When I compile these three pieces of code on a MicroVAX with gcc, using no optimization, and run each 20,000 times on a 120-character string, the first piece of code yields a time of 12.3 seconds, the second 12.3 seconds, and the third 12.9 seconds. What does this mean? To me, it means that you should write the code in whatever way is easiest for you to understand. Pointers generally yield faster code, but the strlen code above shows that that is not always the case.

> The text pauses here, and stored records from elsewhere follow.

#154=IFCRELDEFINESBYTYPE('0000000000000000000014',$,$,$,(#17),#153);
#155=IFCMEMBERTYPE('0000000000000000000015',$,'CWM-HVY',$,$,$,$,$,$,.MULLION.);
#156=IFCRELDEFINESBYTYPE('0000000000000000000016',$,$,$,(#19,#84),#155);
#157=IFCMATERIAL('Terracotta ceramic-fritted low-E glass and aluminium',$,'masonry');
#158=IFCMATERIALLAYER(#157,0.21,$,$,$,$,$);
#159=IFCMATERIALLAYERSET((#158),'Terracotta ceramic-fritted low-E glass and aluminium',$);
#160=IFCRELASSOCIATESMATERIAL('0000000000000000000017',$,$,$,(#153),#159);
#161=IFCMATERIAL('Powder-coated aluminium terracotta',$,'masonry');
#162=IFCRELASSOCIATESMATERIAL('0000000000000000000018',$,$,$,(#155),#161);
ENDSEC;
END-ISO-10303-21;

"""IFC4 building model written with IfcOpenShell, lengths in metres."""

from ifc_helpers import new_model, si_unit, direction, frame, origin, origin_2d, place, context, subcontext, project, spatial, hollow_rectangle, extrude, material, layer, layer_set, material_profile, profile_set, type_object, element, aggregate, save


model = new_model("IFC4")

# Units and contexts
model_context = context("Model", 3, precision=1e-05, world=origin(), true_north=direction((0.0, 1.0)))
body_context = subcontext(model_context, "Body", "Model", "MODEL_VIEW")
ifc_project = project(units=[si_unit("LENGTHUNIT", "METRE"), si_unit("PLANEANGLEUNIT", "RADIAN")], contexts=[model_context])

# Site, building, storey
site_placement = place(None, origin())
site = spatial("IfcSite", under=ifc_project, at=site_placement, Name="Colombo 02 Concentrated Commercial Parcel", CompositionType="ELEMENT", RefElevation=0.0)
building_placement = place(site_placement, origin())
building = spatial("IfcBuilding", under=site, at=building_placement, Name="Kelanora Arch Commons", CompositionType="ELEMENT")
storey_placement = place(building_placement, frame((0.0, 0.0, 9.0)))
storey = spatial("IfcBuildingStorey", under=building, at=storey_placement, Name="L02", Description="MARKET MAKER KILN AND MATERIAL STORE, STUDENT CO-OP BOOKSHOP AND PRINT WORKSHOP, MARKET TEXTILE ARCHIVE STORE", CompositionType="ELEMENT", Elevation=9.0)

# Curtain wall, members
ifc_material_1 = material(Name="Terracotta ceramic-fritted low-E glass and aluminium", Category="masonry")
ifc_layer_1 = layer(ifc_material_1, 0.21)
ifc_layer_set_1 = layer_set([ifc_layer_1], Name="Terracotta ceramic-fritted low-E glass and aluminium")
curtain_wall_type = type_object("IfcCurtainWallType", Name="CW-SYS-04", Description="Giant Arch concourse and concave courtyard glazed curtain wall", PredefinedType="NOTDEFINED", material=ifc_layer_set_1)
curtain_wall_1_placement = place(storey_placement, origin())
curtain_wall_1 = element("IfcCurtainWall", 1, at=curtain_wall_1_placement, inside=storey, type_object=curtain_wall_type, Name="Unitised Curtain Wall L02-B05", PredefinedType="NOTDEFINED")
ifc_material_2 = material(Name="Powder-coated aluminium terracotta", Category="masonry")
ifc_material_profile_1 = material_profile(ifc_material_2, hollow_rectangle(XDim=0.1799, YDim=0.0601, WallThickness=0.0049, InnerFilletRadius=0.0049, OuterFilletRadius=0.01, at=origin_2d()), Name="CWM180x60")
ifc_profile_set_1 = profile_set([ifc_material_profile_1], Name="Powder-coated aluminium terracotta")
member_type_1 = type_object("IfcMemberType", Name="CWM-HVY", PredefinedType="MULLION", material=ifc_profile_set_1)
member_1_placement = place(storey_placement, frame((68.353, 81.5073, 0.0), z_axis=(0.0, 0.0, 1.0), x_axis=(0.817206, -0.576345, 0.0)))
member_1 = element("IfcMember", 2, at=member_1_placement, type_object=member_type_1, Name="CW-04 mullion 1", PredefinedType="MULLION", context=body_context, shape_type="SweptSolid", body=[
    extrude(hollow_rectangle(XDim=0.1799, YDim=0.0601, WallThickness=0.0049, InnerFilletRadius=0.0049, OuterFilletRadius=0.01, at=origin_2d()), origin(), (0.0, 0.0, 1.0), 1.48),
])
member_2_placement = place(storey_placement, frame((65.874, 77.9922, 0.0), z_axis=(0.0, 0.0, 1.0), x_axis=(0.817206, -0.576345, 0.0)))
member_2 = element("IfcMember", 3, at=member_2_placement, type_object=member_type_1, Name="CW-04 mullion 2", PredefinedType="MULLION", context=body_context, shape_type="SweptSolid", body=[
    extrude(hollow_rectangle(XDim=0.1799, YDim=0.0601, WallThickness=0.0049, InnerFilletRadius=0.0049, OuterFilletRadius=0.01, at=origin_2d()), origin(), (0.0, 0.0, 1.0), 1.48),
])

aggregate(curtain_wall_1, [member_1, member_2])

We can go through the same evolution with strcpy:

strcpy(char s1[],char s2[])
{
    int x;
    for (x=0; x<=strlen(s2); x++)
        s1[x]=s2[x];
}

Note here that <= is important in the for loop because the code then copies the '\0'. Be sure to copy '\0'. Major bugs occur later on if you leave it out, because the string has no end and therefore an unknown length. Note also that this code is very inefficient, because strlen gets called every time through the for loop. To solve this problem, you could use the following code:

strcpy(char s1[],char s2[])
{
    int x,len;
     len=strlen(s2);
    for (x=0; x<=len; x++)
        s1[x]=s2[x];
}

The pointer version is similar.

strcpy(char *s1,char *s2)
{
    while (*s2 != '\0')
    {
        *s1 = *s2;
        s1++;
        s2++;
    }
}

You can compress this code further:

strcpy(char *s1,char *s2)
{
    while (*s2)
        *s1++ = *s2++;
}

If you wish, you can even say while (*s1++ = *s2++);. The first version of strcpy takes 415 seconds to copy a 120-character string 10,000 times, the second version takes 14.5 seconds, the third version 9.8 seconds, and the fourth 10.3 seconds. As you can see, pointers provide a significant performance boost here.

The prototype for the strcpy function in the string library indicates that it is designed to return a pointer to a string:

char *strcpy(char *s1,char *s2)

Most of the string functions return a string pointer as a result, and strcpy returns the value of s1 as its result.

Using pointers with strings can sometimes result in definite improvements in speed and you can take advantage of these if you think about them a little. For example, suppose you want to remove the leading blanks from a string. You might be inclined to shift characters over on top of the blanks to remove them. In C, you can avoid the movement altogether:

#include <stdio.h>
#include <string.h>

int main()
{
    char s[100],*p;
     gets(s);
    p=s;
    while (*p==' ')
        p++;
    printf("%s\n",p);
    return 0;
}

This is much faster than the movement technique, especially for long strings.

You will pick up many other tricks with strings as you go along and read other code. Practice is the key.